Although her husband has gained very, very wide artistic acclaim — in my mind, for his absurd brazenness, more than anything — the fact that Krasner perhaps lived, in a way, in his shadow came as a surprise to. Krasner, as painted by the show’s biographical notes, was headstrong and had a mind of her own. Certainly not someone who took crap from anybody. Maybe that was my impression, and the front she put on (or was put on her). Maybe I ought to look at people in a way that allows for complexity. In any case, it was an experience seeing the very logical (seamless?) progression of her work, to see the seeds and the roots and the eventual fruit, which is to say, the practice she arrived at by the end of her life.

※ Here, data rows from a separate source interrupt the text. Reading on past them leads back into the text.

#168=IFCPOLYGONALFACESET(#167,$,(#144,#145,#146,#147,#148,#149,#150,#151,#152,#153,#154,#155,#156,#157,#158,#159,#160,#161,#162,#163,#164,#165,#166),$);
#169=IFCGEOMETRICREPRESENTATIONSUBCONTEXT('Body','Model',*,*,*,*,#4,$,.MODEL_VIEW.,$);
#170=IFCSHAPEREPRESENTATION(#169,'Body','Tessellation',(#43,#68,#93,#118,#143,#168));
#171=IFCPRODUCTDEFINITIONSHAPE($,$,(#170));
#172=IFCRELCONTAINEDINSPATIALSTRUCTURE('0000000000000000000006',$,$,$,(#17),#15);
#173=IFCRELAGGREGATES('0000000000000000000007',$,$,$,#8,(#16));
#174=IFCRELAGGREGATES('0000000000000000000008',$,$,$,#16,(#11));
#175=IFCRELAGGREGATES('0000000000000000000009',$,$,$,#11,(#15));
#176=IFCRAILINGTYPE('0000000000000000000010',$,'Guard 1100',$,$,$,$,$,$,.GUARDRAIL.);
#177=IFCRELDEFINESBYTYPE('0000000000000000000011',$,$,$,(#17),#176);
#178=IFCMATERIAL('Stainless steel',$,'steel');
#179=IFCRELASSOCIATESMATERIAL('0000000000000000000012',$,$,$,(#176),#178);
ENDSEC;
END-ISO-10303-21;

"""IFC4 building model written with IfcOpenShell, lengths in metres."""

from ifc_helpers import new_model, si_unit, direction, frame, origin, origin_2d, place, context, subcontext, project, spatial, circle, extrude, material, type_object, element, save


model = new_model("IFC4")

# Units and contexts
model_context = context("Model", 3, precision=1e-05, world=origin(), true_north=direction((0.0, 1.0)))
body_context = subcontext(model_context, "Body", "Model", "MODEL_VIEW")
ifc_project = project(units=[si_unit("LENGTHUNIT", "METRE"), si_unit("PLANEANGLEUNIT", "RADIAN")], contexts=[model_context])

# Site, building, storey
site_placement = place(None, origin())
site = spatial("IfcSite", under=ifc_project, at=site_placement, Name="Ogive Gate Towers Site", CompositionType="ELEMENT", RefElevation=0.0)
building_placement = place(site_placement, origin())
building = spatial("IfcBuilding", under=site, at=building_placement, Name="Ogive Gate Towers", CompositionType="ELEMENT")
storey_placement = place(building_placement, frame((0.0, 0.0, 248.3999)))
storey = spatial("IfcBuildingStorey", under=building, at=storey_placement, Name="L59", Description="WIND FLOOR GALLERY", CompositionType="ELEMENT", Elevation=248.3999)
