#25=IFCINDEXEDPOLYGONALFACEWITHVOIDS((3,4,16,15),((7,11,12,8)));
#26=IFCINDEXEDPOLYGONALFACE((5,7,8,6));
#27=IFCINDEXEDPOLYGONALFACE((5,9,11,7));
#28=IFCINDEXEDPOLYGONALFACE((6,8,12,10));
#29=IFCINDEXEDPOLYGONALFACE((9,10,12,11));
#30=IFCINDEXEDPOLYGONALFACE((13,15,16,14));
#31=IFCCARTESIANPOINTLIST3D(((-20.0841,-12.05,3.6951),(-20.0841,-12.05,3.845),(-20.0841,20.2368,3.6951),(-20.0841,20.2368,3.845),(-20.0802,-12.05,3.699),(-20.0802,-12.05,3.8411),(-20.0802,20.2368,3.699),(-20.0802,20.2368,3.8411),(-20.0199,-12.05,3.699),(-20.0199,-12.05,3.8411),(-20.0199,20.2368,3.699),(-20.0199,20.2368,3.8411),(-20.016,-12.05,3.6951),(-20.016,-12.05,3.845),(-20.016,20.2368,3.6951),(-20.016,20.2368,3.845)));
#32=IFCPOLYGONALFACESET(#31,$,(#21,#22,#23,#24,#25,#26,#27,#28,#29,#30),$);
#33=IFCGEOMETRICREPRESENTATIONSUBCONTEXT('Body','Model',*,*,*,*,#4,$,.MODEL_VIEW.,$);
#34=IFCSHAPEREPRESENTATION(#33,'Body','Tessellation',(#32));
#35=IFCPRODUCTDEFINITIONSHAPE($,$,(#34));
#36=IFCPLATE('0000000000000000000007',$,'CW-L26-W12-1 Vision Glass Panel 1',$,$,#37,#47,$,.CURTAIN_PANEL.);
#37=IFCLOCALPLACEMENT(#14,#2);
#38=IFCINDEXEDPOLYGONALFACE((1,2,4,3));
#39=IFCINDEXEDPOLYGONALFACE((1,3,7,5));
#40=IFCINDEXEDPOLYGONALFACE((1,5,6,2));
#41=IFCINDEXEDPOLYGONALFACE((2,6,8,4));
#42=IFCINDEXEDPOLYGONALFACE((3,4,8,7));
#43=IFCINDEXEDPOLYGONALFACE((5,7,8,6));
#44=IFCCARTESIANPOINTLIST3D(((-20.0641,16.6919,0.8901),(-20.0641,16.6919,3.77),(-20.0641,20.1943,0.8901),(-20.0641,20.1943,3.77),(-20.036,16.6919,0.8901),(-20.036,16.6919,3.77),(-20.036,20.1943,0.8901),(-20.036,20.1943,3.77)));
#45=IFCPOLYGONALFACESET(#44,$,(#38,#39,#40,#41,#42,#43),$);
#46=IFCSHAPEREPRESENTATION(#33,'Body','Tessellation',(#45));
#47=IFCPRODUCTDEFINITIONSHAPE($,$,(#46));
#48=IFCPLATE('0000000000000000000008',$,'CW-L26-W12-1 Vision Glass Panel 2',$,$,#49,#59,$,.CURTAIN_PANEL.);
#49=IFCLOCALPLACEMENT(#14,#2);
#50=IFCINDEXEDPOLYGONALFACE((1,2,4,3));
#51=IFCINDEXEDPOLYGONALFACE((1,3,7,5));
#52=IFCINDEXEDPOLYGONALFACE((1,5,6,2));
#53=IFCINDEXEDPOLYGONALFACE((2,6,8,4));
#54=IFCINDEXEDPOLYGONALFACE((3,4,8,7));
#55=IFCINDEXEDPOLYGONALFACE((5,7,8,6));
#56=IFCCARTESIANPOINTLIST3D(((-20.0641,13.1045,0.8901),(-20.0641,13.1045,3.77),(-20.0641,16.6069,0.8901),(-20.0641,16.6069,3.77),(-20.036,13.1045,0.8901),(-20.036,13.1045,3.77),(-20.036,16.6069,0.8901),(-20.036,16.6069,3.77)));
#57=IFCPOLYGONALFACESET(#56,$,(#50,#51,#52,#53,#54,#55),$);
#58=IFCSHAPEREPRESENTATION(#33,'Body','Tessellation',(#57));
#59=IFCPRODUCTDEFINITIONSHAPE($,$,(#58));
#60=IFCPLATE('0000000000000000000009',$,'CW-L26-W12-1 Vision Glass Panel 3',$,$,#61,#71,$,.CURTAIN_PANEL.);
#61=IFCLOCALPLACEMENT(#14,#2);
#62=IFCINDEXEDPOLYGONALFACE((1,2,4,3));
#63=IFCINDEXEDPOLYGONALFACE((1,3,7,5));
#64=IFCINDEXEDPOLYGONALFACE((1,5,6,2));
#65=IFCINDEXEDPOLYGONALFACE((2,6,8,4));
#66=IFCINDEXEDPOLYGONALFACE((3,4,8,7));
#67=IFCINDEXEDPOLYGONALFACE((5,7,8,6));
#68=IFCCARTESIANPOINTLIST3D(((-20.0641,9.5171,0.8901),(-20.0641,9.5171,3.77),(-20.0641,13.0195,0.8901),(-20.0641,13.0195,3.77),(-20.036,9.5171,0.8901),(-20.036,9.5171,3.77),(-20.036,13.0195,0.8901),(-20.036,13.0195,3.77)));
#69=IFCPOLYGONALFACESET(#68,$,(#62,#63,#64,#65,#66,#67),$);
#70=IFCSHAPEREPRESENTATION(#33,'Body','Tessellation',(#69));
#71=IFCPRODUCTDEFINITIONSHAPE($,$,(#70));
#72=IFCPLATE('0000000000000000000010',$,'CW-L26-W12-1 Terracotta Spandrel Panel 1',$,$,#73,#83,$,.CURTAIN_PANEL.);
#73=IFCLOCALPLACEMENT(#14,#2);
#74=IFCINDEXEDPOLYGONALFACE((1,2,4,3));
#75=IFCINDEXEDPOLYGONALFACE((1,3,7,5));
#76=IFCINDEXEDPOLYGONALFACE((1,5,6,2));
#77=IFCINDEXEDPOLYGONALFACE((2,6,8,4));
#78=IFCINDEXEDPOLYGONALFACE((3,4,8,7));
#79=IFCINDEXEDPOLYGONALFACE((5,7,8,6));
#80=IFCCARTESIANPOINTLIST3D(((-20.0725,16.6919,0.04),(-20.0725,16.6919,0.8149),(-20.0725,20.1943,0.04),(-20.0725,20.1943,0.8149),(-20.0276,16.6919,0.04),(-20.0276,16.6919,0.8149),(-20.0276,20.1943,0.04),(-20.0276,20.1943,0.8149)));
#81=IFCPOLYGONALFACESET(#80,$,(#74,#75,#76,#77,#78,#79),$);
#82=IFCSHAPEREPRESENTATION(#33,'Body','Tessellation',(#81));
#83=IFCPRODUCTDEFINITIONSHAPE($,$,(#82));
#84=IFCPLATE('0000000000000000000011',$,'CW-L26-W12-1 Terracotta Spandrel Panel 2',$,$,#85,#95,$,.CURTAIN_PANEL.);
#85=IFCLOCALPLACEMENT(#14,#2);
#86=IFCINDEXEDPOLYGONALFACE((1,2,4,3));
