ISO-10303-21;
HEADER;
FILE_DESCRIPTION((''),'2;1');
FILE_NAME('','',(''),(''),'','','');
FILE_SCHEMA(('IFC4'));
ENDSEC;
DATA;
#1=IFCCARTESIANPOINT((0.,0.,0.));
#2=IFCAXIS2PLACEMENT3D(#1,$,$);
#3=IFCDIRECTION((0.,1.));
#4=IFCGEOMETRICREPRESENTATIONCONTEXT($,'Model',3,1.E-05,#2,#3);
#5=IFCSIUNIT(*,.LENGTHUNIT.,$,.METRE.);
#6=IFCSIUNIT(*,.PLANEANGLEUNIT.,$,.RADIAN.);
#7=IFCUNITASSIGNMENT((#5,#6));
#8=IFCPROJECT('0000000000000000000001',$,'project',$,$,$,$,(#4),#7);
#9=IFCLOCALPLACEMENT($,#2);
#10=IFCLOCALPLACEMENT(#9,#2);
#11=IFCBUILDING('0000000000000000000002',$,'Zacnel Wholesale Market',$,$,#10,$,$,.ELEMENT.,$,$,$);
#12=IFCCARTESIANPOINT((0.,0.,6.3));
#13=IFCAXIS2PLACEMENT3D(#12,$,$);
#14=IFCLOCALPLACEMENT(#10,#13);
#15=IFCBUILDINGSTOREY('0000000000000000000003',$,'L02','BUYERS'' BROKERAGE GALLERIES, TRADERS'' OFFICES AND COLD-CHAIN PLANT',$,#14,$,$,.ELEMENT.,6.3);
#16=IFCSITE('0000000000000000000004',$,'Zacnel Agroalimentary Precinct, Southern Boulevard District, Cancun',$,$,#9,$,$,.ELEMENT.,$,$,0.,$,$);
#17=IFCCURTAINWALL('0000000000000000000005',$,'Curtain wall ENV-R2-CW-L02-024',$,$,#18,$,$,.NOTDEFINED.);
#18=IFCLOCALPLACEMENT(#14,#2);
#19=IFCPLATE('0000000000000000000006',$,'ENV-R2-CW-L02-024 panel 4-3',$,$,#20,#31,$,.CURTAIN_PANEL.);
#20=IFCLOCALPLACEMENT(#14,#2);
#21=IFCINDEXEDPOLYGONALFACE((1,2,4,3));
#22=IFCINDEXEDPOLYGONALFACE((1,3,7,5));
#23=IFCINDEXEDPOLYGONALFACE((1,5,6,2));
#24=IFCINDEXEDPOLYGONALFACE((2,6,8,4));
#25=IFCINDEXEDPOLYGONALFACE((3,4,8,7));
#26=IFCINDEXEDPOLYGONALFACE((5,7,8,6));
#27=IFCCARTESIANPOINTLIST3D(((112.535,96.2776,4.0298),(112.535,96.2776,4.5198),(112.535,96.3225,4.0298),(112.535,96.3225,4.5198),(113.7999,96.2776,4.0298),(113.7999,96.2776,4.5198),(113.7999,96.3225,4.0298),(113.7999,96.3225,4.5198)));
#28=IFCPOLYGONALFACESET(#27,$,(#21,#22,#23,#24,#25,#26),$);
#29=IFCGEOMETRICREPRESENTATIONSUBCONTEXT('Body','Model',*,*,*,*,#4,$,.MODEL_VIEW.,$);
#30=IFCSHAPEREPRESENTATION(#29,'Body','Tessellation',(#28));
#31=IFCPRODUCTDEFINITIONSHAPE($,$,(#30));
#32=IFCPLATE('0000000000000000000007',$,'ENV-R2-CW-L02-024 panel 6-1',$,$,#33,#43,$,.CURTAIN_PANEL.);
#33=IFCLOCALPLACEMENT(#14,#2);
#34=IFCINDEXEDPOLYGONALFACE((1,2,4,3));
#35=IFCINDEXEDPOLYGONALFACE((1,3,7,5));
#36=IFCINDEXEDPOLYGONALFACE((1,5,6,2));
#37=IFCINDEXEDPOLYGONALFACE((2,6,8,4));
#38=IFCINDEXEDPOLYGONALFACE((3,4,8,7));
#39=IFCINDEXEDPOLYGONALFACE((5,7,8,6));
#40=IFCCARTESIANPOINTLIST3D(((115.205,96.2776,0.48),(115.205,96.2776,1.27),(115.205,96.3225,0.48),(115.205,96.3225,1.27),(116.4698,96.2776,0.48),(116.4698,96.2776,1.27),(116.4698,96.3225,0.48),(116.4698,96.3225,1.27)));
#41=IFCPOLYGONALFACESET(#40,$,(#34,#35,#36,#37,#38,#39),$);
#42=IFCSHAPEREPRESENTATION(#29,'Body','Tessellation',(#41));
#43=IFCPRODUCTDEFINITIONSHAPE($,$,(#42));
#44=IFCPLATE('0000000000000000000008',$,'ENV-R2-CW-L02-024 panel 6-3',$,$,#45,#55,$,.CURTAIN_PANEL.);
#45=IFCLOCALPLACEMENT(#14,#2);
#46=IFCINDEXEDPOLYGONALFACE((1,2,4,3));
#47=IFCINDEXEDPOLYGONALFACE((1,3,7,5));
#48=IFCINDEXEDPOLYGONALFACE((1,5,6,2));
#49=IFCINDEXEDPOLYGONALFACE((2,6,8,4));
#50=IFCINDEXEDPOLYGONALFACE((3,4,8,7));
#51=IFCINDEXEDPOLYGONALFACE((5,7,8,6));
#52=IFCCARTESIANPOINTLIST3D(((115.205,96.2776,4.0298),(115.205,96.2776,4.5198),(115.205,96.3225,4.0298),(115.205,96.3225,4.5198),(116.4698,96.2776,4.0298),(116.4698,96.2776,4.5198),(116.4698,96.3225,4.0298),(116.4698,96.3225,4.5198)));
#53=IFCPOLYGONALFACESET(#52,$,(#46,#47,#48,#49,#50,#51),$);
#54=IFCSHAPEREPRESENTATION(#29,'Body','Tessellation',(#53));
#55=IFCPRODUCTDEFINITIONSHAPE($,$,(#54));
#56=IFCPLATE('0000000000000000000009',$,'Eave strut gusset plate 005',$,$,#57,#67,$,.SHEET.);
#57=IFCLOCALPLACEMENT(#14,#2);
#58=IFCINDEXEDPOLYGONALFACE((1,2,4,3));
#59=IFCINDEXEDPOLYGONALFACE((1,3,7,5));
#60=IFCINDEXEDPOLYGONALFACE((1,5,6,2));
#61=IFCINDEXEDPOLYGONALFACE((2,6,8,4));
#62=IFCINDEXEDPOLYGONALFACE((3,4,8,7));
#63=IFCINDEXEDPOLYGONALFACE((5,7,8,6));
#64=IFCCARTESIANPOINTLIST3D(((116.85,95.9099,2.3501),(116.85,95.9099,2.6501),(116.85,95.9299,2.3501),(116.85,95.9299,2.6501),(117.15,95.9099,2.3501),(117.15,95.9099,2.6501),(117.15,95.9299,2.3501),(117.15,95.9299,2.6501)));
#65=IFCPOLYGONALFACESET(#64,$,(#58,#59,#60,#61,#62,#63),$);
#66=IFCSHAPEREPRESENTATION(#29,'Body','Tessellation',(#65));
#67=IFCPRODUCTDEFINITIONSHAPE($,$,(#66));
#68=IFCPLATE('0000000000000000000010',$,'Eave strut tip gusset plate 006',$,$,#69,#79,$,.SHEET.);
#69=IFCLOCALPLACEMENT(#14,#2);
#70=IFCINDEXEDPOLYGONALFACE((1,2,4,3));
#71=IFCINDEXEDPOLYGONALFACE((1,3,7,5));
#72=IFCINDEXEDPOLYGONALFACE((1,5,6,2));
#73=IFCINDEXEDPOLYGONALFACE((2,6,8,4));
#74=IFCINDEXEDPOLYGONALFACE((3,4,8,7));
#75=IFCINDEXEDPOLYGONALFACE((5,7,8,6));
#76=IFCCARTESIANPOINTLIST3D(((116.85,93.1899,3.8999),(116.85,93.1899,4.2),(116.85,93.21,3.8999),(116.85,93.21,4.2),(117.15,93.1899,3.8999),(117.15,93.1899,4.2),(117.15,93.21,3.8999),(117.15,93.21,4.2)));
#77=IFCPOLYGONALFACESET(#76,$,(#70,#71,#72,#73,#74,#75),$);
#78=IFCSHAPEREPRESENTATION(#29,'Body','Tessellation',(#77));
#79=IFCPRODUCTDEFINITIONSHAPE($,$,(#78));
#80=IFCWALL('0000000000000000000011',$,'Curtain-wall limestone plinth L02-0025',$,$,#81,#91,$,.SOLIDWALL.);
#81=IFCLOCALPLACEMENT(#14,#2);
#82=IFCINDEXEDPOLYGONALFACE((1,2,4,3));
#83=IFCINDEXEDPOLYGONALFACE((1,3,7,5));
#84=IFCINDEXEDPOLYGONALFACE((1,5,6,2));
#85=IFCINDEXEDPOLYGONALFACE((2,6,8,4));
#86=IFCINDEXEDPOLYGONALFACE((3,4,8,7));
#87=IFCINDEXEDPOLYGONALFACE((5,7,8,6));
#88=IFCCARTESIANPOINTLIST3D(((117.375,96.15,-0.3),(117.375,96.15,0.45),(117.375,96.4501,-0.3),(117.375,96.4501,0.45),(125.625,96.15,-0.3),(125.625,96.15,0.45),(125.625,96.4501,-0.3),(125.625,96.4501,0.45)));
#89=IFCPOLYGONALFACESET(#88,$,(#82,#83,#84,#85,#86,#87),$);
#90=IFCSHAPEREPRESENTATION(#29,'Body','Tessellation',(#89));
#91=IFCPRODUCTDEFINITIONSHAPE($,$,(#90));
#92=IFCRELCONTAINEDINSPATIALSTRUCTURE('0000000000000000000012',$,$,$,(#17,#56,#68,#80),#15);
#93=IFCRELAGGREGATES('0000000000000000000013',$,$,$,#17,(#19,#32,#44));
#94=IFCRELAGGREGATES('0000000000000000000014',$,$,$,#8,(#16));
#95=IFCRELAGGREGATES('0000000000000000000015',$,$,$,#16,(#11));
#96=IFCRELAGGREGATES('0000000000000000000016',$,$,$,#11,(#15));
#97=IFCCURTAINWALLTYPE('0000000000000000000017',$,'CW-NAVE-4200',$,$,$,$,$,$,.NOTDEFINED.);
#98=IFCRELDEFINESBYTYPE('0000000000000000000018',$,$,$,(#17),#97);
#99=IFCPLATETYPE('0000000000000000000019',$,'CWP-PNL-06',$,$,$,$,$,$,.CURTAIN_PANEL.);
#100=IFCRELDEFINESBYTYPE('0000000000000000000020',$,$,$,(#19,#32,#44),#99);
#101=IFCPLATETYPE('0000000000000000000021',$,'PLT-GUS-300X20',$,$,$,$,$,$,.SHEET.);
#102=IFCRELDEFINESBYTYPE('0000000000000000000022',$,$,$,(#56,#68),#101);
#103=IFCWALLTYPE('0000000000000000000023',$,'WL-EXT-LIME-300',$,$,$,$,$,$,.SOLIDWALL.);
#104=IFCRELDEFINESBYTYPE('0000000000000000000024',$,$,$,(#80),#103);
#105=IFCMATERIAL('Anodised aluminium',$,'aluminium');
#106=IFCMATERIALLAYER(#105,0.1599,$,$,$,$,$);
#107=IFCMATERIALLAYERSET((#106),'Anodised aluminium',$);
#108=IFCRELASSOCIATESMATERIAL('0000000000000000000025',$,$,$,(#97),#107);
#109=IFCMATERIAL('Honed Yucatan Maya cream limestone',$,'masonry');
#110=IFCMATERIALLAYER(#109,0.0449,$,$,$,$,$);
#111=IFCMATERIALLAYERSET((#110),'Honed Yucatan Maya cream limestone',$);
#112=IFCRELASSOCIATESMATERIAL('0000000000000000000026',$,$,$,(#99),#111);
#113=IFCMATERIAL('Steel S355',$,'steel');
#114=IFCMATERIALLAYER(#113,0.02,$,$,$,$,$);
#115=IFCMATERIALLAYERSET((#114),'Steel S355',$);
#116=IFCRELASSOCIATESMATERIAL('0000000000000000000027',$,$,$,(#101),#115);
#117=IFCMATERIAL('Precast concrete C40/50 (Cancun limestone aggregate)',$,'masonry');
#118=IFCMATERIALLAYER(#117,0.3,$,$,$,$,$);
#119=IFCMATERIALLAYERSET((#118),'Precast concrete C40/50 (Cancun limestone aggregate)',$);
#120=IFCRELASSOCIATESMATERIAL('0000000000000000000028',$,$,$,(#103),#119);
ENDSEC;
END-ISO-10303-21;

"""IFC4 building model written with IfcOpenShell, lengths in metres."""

from ifc_helpers import new_model, si_unit, direction, frame, frame_2d, origin, origin_2d, place, context, subcontext, project, spatial, rectangle, extrude, material, layer, layer_set, type_object, element, aggregate, save


model = new_model("IFC4")

# Units and contexts
model_context = context("Model", 3, precision=1e-05, world=origin(), true_north=direction((0.0, 1.0)))
body_context = subcontext(model_context, "Body", "Model", "MODEL_VIEW")
ifc_project = project(units=[si_unit("LENGTHUNIT", "METRE"), si_unit("PLANEANGLEUNIT", "RADIAN")], contexts=[model_context])

# Site, building, storey
site_placement = place(None, origin())
site = spatial("IfcSite", under=ifc_project, at=site_placement, Name="Zacnel Agroalimentary Precinct, Southern Boulevard District, Cancun", CompositionType="ELEMENT", RefElevation=0.0)
building_placement = place(site_placement, origin())
building = spatial("IfcBuilding", under=site, at=building_placement, Name="Zacnel Wholesale Market", CompositionType="ELEMENT")
storey_placement = place(building_placement, frame((0.0, 0.0, 6.3)))
storey = spatial("IfcBuildingStorey", under=building, at=storey_placement, Name="L02", Description="BUYERS' BROKERAGE GALLERIES, TRADERS' OFFICES AND COLD-CHAIN PLANT", CompositionType="ELEMENT", Elevation=6.3)

# Curtain wall
ifc_material_1 = material(Name="Anodised aluminium", Category="aluminium")
ifc_layer_1 = layer(ifc_material_1, 0.1599)
ifc_layer_set_1 = layer_set([ifc_layer_1], Name="Anodised aluminium")
curtain_wall_type = type_object("IfcCurtainWallType", Name="CW-NAVE-4200", PredefinedType="NOTDEFINED", material=ifc_layer_set_1)
curtain_wall_1_placement = place(storey_placement, origin())
curtain_wall_1 = element("IfcCurtainWall", 1, at=curtain_wall_1_placement, inside=storey, type_object=curtain_wall_type, Name="Curtain wall ENV-R2-CW-L02-024", PredefinedType="NOTDEFINED")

Krasner’s work is emotional and visceral. She is unapologetic, by which I mean, she isn’t precious about her work or how she feels about it. She does what she feels must be done. I think that might be a large part of her genius: the unsentimental abandonment of one mode of expression in pursuit of another that is more authentic and true.

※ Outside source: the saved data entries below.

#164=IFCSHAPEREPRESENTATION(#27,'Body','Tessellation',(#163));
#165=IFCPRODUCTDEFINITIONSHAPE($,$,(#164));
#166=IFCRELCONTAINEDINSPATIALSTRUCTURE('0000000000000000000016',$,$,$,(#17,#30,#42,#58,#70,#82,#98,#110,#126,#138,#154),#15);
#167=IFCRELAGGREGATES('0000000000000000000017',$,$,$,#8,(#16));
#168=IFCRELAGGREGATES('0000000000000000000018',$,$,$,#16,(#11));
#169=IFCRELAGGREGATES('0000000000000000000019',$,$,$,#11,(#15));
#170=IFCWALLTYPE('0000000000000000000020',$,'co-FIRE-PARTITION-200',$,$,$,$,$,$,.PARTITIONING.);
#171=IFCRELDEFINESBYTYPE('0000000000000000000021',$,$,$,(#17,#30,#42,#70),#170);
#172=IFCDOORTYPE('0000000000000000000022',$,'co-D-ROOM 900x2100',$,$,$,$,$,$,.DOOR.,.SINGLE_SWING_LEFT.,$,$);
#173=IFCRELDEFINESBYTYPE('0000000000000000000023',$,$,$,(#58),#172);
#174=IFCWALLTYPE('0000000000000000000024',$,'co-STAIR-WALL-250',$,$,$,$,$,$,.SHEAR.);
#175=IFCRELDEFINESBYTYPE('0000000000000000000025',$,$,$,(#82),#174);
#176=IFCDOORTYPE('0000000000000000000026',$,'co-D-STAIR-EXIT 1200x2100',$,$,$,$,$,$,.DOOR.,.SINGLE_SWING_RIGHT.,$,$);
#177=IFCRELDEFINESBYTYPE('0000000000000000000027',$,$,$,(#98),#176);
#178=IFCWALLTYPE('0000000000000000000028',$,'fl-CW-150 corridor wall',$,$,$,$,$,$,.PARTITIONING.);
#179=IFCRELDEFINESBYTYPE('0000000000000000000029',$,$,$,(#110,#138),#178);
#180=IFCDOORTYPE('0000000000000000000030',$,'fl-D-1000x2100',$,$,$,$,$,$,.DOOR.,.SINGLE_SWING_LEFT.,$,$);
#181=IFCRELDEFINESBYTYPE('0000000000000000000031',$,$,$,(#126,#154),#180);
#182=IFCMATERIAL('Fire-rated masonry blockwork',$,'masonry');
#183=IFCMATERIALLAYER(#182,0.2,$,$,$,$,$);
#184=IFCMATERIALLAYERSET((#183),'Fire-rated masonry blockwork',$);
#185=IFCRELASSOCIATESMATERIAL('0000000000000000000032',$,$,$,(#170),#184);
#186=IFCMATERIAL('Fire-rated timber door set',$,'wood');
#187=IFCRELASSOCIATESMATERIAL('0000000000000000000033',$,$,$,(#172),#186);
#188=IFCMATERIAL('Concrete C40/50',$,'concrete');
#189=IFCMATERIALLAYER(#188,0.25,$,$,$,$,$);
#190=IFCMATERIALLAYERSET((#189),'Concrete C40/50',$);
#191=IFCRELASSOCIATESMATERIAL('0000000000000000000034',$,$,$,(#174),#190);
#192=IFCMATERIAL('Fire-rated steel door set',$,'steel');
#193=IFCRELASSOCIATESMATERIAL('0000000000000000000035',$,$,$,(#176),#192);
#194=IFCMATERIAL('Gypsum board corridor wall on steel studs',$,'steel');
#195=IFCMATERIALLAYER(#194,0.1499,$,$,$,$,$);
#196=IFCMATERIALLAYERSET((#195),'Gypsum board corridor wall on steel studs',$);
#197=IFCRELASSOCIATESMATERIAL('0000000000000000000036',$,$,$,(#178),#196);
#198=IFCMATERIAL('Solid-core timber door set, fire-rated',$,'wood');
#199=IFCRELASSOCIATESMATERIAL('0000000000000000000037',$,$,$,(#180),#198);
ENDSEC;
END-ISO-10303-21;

I didn’t know a lot about Krasner and her work, and although I’d been introduced to more of it through the Barbican’s Living Colour, there are certainly more layers to peel back, revealing a more accurate picture of a woman whose work received belated attention, possibly owing to her marriage to such a large creative force. Possibly owing to the state of things in general, where women who are wives take a backseat, almost by default.

When people are as entwined as Krasner and Pollock seemed to be, it’s also quite easy to leach into the others’ work, and while I do see traces of one in the other, it is very evident, too, that their work diverge in very important ways. Krasner’s expressions appear to come from a very deep place of longing and self-effacement. Of a loudness and boldness that does not feel like they come from a quiet wife waiting in the wings.

There never appears to be any animosity with Krasner, though. She believes in the importance of her husband’s work, and based on their correspondences, values his opinion. Perhaps I am projecting too many thoughts here, and to be honest, I don’t have a lot of base knowledge on Krasner (as I’ve mentioned early on), or Pollock for that matter. What I do know is that I am and can be deeply moved by art and the artists that make them. And I know that Krasner’s are powerful expressions of movement and individuality, of a singular convergence of her own experiences and the life she forges as someone very close to someone very important and celebrated.

There has not been a major show of Krasner’s work in the U.K. since 1965. This feels, at times, an oversight, but given the state of women and their work throughout history — that is, the almost intentional overlooking, the diminishing importance, the pointed erasure — it is predictable. But what a joy it is to witness Krasner’s own celebration, in her own right, no matter how overdue it is.